He opened the back door and shoved her through. The screen door flapped loose on its hinges. Cold needles hit her like buckshot, each drop stinging where the skin was already swelling, washing the blood from her face.
The door slammed behind her, the sound final and solid as a jail cell. She stumbled barefoot off the back stoop, soaked in seconds. She stood in the yard, shivering, listening to the storm. She could hear him inside, pacing, bellowing, glass breaking. She wrapped her arms around herself, tried to breathe through her nose, but the blood kept running. She wiped it with the back of her hand, didn’t care that it smeared.
Thunder cracked overhead as she called Kotallo’s name into the storm, voice shaking. Once, twice – her voice barely a whisper. The wind tore it away. She opened the gate and passed by Josh’s truck, her bare feet instantly freezing in the wet grass. There was no sign of Kotallo in the yard.
Lightning rippled across the sky, blue-white and blinding. For an instant, the whole world was lit up: the sagging fence, the mossy swing set, the woods beyond the back lot. Shadows moved back there – branches, or maybe animals, or maybe something else. She didn’t care.
She called again, a little louder.
Nothing. The rain was getting heavier, pounding the ground to mud. She stumbled across the yard, each step a fresh jolt as her toes went numb. There was a gap in the fence where Kotallo liked to squeeze through. She followed it, ducked under the splintered wood, and kept calling.
The world outside her grandmother’s house was not friendly. The nearest neighbors were a quarter-mile down the road. The woods behind the house went on for acres, thick with briar and poison oak and the kind of wild animals that didn’t care about property lines. She’d never liked being out here after dark, even as a kid; now, it felt like another punishment.
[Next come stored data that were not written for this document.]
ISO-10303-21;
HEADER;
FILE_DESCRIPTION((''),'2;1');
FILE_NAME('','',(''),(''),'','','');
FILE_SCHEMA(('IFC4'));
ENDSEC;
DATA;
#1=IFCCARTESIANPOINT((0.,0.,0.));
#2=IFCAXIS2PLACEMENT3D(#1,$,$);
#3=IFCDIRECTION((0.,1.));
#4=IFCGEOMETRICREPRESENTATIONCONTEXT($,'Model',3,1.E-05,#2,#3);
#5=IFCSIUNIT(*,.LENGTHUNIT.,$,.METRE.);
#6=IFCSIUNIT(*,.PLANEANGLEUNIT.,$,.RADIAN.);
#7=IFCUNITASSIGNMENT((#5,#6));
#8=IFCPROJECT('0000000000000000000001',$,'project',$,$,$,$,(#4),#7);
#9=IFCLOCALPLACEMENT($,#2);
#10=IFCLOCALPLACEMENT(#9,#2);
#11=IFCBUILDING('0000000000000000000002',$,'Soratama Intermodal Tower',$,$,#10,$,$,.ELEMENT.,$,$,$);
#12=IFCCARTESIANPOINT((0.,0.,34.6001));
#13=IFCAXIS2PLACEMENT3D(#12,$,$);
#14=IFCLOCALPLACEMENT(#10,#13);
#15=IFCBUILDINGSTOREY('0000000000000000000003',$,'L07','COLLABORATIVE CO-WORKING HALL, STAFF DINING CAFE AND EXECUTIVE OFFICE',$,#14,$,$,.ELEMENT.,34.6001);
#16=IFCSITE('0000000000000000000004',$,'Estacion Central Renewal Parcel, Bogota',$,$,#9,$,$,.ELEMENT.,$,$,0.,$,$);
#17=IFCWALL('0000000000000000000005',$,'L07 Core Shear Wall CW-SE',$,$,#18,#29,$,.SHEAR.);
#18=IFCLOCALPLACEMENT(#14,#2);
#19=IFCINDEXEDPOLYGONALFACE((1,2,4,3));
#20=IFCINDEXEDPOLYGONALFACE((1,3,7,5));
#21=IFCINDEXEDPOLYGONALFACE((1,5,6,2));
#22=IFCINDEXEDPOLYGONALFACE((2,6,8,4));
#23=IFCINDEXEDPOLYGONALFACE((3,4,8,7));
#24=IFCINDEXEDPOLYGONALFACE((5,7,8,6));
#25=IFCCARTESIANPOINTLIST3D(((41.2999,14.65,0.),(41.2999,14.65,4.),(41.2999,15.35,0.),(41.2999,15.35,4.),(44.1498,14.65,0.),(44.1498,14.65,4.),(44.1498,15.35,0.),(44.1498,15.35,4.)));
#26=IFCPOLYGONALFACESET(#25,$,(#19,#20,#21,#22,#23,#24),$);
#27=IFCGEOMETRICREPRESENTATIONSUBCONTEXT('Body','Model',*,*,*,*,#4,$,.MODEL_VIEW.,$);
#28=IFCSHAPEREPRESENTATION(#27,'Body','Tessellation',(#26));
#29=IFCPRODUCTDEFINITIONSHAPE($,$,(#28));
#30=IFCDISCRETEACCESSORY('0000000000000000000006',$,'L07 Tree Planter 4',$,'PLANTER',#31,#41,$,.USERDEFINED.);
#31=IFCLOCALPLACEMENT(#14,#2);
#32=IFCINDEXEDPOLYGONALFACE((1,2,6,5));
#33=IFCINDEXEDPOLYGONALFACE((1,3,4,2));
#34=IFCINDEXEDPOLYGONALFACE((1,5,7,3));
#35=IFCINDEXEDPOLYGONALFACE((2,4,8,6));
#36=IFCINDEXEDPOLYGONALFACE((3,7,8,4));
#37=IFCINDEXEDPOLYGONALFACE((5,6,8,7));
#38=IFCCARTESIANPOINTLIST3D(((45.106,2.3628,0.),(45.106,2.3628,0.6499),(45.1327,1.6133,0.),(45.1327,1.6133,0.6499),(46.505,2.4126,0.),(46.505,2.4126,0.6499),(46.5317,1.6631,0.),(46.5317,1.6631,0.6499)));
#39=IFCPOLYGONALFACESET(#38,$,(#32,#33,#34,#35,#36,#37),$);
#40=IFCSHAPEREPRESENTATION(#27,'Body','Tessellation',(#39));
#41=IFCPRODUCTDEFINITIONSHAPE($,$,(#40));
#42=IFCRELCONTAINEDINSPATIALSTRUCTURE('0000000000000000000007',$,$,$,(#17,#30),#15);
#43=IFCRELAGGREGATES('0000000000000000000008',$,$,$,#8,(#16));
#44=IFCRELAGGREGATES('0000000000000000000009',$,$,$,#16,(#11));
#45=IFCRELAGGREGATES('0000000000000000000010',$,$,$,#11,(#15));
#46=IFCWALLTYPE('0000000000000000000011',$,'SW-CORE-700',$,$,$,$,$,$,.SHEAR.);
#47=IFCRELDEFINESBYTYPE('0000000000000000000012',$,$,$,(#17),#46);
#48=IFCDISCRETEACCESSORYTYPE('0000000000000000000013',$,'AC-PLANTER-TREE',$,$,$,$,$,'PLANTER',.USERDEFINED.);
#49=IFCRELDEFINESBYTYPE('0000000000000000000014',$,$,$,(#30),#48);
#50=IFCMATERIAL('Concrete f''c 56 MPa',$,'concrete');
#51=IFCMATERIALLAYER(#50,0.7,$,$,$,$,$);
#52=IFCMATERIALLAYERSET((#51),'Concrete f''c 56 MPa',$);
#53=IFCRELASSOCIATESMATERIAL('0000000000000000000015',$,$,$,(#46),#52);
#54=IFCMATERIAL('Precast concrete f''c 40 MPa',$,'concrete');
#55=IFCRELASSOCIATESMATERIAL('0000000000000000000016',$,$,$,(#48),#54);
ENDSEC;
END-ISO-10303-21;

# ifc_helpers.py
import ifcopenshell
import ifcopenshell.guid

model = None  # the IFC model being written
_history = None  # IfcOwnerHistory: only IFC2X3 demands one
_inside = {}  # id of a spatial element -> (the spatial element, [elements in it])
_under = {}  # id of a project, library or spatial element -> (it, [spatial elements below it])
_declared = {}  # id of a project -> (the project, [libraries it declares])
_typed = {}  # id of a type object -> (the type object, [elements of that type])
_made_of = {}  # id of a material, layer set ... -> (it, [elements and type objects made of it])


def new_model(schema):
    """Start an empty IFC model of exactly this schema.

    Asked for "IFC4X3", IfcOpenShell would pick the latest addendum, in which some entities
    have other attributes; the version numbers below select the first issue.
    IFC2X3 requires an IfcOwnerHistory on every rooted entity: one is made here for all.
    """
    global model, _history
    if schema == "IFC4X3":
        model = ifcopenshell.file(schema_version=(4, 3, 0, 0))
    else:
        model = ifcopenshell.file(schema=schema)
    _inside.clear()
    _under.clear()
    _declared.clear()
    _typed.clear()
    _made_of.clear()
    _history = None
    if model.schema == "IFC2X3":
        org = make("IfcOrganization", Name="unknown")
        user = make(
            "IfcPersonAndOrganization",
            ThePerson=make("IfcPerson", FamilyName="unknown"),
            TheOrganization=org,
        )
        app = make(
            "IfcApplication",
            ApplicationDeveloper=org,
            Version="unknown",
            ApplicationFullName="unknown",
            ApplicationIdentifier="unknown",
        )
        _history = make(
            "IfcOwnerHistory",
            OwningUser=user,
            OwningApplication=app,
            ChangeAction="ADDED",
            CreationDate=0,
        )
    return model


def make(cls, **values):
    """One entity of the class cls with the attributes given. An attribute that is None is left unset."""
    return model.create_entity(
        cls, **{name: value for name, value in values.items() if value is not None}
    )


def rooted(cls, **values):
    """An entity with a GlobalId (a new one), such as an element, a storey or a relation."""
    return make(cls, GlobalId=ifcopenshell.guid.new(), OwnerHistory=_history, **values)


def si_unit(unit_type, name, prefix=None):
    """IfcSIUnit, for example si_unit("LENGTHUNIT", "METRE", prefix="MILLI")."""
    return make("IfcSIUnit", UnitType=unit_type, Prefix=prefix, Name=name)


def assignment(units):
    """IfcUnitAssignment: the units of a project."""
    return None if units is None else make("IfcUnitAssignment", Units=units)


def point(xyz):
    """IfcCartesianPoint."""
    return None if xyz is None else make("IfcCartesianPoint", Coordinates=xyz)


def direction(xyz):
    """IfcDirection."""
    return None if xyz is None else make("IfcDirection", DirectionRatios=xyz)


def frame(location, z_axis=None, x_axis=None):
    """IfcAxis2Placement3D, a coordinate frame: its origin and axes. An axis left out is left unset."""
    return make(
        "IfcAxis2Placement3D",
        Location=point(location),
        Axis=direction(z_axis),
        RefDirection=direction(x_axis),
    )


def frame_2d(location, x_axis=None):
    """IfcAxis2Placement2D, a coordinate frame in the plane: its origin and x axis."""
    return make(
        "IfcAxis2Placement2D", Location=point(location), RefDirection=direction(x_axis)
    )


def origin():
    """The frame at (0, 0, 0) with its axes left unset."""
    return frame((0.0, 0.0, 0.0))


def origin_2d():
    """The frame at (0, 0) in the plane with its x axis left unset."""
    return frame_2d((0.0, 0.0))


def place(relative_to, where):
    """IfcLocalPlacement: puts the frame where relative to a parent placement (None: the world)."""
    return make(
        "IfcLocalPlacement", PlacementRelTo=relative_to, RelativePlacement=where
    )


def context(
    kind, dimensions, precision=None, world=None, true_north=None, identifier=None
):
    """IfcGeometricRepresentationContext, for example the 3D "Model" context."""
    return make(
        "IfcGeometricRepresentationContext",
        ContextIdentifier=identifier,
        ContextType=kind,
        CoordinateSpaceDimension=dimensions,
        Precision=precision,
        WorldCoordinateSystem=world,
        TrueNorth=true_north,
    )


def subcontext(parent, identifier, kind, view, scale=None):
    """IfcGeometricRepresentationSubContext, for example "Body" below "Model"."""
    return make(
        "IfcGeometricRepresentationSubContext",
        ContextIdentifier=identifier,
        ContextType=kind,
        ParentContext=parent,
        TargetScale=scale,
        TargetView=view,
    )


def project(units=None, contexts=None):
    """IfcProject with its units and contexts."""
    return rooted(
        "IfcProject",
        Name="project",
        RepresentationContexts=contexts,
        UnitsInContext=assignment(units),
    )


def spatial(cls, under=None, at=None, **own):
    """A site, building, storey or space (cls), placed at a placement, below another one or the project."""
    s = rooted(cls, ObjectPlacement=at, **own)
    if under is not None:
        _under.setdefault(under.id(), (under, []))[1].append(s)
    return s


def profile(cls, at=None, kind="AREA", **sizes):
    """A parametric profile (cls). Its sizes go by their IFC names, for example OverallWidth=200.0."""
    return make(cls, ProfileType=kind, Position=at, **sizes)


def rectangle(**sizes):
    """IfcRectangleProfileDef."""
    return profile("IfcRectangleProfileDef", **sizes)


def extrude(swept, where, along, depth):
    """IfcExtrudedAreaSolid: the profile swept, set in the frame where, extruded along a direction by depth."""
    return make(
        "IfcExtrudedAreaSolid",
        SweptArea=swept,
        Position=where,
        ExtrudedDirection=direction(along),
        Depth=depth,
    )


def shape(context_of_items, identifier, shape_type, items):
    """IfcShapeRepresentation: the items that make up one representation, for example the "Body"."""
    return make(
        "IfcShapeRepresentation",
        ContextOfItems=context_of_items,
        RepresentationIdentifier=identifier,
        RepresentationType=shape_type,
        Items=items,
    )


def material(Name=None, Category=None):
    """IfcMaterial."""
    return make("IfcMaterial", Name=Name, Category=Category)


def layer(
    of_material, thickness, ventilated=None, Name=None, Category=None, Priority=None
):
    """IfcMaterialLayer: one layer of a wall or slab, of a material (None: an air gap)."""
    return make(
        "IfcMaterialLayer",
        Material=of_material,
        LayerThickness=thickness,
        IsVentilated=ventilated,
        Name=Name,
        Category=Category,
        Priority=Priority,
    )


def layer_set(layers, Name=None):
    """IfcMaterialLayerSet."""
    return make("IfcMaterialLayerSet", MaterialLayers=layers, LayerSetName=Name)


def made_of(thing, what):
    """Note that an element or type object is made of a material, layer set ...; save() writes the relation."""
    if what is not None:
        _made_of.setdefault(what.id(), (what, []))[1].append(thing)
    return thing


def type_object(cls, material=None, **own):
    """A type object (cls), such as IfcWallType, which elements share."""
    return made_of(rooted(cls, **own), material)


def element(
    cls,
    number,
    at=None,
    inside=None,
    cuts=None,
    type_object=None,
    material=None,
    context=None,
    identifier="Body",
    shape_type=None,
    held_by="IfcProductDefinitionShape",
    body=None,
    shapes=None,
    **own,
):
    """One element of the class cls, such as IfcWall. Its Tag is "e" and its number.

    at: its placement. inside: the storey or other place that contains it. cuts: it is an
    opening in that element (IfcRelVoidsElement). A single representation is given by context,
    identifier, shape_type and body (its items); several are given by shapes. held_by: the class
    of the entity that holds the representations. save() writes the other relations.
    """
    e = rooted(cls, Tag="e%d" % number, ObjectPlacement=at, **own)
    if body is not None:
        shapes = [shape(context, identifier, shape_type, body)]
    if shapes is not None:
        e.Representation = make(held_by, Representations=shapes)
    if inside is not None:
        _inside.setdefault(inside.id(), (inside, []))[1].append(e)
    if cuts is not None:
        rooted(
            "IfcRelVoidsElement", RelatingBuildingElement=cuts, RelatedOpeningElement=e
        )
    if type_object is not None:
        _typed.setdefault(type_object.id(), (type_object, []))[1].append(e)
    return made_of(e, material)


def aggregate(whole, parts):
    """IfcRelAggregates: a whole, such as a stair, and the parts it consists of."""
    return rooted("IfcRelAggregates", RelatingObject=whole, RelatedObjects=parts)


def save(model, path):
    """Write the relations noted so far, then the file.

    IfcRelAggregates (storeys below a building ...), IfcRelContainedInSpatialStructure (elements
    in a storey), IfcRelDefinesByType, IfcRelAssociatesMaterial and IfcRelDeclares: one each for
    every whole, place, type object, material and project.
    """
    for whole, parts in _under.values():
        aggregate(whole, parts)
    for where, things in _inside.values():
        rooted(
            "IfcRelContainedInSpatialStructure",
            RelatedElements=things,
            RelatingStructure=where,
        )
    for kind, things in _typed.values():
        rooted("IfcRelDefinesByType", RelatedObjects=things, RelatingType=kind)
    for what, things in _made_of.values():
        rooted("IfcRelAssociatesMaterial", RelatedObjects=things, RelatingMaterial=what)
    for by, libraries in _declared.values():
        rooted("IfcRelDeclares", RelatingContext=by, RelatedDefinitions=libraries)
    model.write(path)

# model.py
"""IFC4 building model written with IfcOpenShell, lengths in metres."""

from ifc_helpers import new_model, si_unit, direction, frame, frame_2d, origin, origin_2d, place, context, subcontext, project, spatial, rectangle, extrude, material, layer, layer_set, type_object, element, save


model = new_model("IFC4")

# Units and contexts
model_context = context("Model", 3, precision=1e-05, world=origin(), true_north=direction((0.0, 1.0)))
body_context = subcontext(model_context, "Body", "Model", "MODEL_VIEW")
ifc_project = project(units=[si_unit("LENGTHUNIT", "METRE"), si_unit("PLANEANGLEUNIT", "RADIAN")], contexts=[model_context])

# Site, building, storey
site_placement = place(None, origin())
site = spatial("IfcSite", under=ifc_project, at=site_placement, Name="Estacion Central Renewal Parcel, Bogota", CompositionType="ELEMENT", RefElevation=0.0)
building_placement = place(site_placement, origin())
building = spatial("IfcBuilding", under=site, at=building_placement, Name="Soratama Intermodal Tower", CompositionType="ELEMENT")
storey_placement = place(building_placement, frame((0.0, 0.0, 34.6001)))
storey = spatial("IfcBuildingStorey", under=building, at=storey_placement, Name="L07", Description="COLLABORATIVE CO-WORKING HALL, STAFF DINING CAFE AND EXECUTIVE OFFICE", CompositionType="ELEMENT", Elevation=34.6001)

# Wall
ifc_material_1 = material(Name="Concrete f'c 56 MPa", Category="concrete")
ifc_layer_1 = layer(ifc_material_1, 0.7)
ifc_layer_set_1 = layer_set([ifc_layer_1], Name="Concrete f'c 56 MPa")
wall_type_1 = type_object("IfcWallType", Name="SW-CORE-700", PredefinedType="SHEAR", material=ifc_layer_set_1)
wall_1_placement = place(storey_placement, frame((41.3, 15.0, 0.0), z_axis=(0.0, 0.0, 1.0), x_axis=(1.0, 0.0, 0.0)))
element("IfcWall", 1, at=wall_1_placement, inside=storey, type_object=wall_type_1, Name="L07 Core Shear Wall CW-SE", PredefinedType="SHEAR", context=body_context, shape_type="SweptSolid", body=[
    extrude(rectangle(XDim=2.8499, YDim=0.7, at=frame_2d((1.4248, 0.0))), origin(), (0.0, 0.0, 1.0), 4.0),
])

# Discrete accessory
ifc_material_2 = material(Name="Precast concrete f'c 40 MPa", Category="concrete")
discrete_accessory_type = type_object("IfcDiscreteAccessoryType", Name="AC-PLANTER-TREE", ElementType="PLANTER", PredefinedType="USERDEFINED", material=ifc_material_2)
discrete_accessory_placement = place(storey_placement, frame((45.8188, 2.0129, 0.0), z_axis=(0.0, 0.0, 1.0), x_axis=(0.035597, -0.999366, 0.0)))
element("IfcDiscreteAccessory", 2, at=discrete_accessory_placement, inside=storey, type_object=discrete_accessory_type, Name="L07 Tree Planter 4", ObjectType="PLANTER", PredefinedType="USERDEFINED", context=body_context, shape_type="SweptSolid", body=[
    extrude(rectangle(XDim=0.75, YDim=1.3999, at=origin_2d()), origin(), (0.0, 0.0, 1.0), 0.6499),
])

save(model, "model.ifc")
She limped down the rutted road, eyes straining for any sign of black fur or the tan blaze on Kotallo’s chest. Her teeth chattered so hard her skull hurt. Once she stopped and ducked into the lee of a rotted-out shed, trying to catch her breath. She wanted to sit, wanted to close her eyes, but she knew if she did she might not get up again.
At the end of the road, she saw a shape crouched under a tree. It took a moment for her to recognize him: Kotallo, all hundred and twenty pounds of him, shivering and miserable. She knelt and coaxed him out, running her hands over his head, his ears, whispering to him the way she always had.
He licked the blood from her face, whining, then pressed his massive head against her chest as if to keep her warm.
She stood and started the long walk back.
The house was dark when they got there. She saw Josh’s silhouette in the kitchen, hunched over the counter, a bottle in one hand, eating take-out, the glow of his phone lighting his smirk. She reached for the knob, but the door was locked. She tried again, rattled it, knocked once. Through the window she watched him, Kotallo barked, tail thumping against the door, and Josh opened it – just enough to let the dog in, snarling at her that she could stay outside. Then he slammed it shut, bolting it. Aurora remained outside in the storm, water running down her face like tears she refused to shed.
She barely made it as far as the old wooden swing in the backyard, curling her battered body around the chains like a night animal in hiding, knowing if someone saw her there would be hell to pay. She didn’t feel right, though. Her whole body ached. She feared he’d broken her nose again. The rain had flattened her hair to her scalp, chilled her so deep she wasn’t sure she’d ever be warm again. She could feel her face swelling, the ache in her jaw, the drip of blood slowing but not stopping.
She listened to the storm, to the wind and the thunder, to the house settling on its foundation. She thought about her grandmother, about all the times she’d come out here to calm Aurora down, to tell her stories about the house, about the family, about how “Wolfe women” were tough as hell and twice as stubborn as any man.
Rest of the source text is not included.